Spoken language recognition (SLR) is the task of automatically identifying
the language present in a speech signal. Existing SLR models are either too
computationally expensive or too large to run effectively on devices with
limited resources. For real-world deployment, a model should also gracefully
handle unseen languages outside of the target language set, yet prior work has
focused on closed-set classification where all input languages are known
a-priori. In this paper we address these two limitations: we explore efficient
model architectures for SLR based on convolutional networks, and propose a
multilabel training strategy to handle non-target languages at inference time.
Using the VoxLingua107 dataset, we show that our models obtain competitive
results while being orders of magnitude smaller and faster than current
state-of-the-art methods, and that our multilabel strategy is more robust to
unseen non-target languages compared to multiclass classification.
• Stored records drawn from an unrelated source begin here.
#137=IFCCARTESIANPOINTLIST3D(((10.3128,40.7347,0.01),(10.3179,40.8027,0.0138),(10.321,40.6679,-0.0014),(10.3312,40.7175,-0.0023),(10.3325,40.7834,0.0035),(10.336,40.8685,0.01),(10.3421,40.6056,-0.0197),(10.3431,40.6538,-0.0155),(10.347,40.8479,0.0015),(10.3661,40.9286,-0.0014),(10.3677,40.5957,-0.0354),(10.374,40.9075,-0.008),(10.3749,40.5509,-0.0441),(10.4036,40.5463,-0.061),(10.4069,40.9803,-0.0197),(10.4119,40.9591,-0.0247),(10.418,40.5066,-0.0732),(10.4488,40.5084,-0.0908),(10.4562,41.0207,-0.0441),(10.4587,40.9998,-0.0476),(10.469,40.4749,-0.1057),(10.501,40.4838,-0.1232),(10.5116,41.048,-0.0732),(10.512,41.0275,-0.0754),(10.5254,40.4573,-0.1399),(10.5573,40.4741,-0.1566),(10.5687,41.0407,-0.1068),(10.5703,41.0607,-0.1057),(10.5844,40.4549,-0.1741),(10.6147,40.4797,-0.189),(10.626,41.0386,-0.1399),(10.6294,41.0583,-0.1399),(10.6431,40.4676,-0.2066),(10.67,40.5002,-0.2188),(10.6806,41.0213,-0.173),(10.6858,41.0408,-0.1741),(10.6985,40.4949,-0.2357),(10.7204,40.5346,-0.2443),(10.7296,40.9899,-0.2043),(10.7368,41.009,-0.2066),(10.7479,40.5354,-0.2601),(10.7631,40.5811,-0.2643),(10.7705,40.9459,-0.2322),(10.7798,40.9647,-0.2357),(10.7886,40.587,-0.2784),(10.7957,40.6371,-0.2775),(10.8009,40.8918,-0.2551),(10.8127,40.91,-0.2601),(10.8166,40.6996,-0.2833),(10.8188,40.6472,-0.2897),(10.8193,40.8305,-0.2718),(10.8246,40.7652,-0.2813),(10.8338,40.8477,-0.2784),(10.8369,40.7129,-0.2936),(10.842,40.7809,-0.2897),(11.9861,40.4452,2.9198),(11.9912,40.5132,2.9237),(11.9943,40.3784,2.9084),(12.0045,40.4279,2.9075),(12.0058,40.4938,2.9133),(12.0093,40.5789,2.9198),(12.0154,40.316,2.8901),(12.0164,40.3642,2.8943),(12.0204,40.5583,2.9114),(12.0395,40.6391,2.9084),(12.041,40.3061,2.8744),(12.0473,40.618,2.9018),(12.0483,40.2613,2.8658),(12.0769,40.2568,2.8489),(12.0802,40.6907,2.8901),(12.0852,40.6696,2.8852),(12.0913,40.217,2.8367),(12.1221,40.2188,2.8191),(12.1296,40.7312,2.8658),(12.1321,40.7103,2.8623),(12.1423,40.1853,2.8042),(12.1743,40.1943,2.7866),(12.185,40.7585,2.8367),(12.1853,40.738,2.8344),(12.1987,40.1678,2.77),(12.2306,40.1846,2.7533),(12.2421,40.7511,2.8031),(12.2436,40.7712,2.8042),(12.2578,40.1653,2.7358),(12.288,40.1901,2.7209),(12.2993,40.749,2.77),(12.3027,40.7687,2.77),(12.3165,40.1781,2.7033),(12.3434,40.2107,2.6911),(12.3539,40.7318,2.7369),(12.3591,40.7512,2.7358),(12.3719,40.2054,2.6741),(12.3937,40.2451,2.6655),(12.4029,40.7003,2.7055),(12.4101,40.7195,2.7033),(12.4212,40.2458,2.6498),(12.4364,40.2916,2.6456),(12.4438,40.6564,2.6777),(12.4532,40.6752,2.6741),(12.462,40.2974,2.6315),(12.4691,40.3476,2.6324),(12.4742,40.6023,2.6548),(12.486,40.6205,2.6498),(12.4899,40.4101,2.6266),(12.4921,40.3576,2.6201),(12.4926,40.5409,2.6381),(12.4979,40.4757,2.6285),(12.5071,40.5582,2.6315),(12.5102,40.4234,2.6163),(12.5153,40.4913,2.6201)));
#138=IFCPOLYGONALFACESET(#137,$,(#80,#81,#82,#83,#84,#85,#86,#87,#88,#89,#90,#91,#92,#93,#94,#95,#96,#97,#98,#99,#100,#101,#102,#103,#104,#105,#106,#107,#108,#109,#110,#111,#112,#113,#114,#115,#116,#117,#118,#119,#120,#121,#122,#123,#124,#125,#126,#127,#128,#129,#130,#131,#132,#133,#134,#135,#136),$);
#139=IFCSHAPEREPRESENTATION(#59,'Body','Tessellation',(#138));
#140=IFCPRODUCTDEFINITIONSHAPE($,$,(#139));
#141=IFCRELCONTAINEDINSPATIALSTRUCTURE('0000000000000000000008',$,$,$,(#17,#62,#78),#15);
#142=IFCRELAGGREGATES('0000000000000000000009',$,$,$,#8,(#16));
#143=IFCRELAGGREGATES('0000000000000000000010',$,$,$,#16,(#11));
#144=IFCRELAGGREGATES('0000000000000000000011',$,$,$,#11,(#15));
本文主要讲述了如何利用卷积神经网络构建高效的口语语种识别模型，并在训练时采用多标签的方式来应对非目标语种的识别，实验结果表明，该模型相比当前最先进的方法在速度上有数量级的提升，并且在多标签分类任务中更加稳健。

通过多标签分类实现有效的口语语言识别

Efficient Spoken Language Recognition via Multilabel Classification

Spoken language recognition (SLR) refers to the automatic process used to
determine the language present in a speech sample. SLR is an important task in
its own right, for example, as a tool to analyze or categorize large amounts of
multi-lingual data. Further, it is also an essential tool for selecting
downstream applications in a work flow, for example, to chose appropriate
speech recognition or machine translation models. SLR systems are usually
composed of two stages, one where an embedding representing the audio sample is
extracted and a second one which computes the final scores for each language.
In this work, we approach the SLR task as a detection problem and implement the
second stage as a probabilistic linear discriminant analysis (PLDA) model. We
show that discriminative training of the PLDA parameters gives large gains with
respect to the usual generative training. Further, we propose a novel
hierarchical approach where two PLDA models are trained, one to generate scores
for clusters of highly-related languages and a second one to generate scores
conditional to each cluster. The final language detection scores are computed
as a combination of these two sets of scores. The complete model is trained
discriminatively to optimize a cross-entropy objective. We show that this
hierarchical approach consistently outperforms the non-hierarchical one for
detection of highly related languages, in many cases by large margins. We train
our systems on a collection of datasets including over 100 languages, and test
them both on matched and mismatched conditions, showing that the gains are
robust to condition mismatch.

本文介绍了一种基于概率线性判别分析模型的口语语言识别方法，该模型通过提取音频样本的嵌入向量得出语音信号的语言，并基于层次方法和最大熵准则进行训练，结果表明该识别方法可以用于高度相关的语言中并具有鲁棒性。

一种基于层次判别式 PLDA 的语音识别模型

A Discriminative Hierarchical PLDA-based Model for Spoken Language Recognition

This paper investigates the use of automatically collected web audio data for
the task of spoken language recognition. We generate semi-random search phrases
from language-specific Wikipedia data that are then used to retrieve videos
from YouTube for 107 languages. Speech activity detection and speaker
diarization are used to extract segments from the videos that contain speech.
Post-filtering is used to remove segments from the database that are likely not
in the given language, increasing the proportion of correctly labeled segments
to 98%, based on crowd-sourced verification. The size of the resulting training
set (VoxLingua107) is 6628 hours (62 hours per language on the average) and it
is accompanied by an evaluation set of 1609 verified utterances. We use the
data to build language recognition models for several spoken language
identification tasks. Experiments show that using the automatically retrieved
training data gives competitive results to using hand-labeled proprietary
datasets. The dataset is publicly available.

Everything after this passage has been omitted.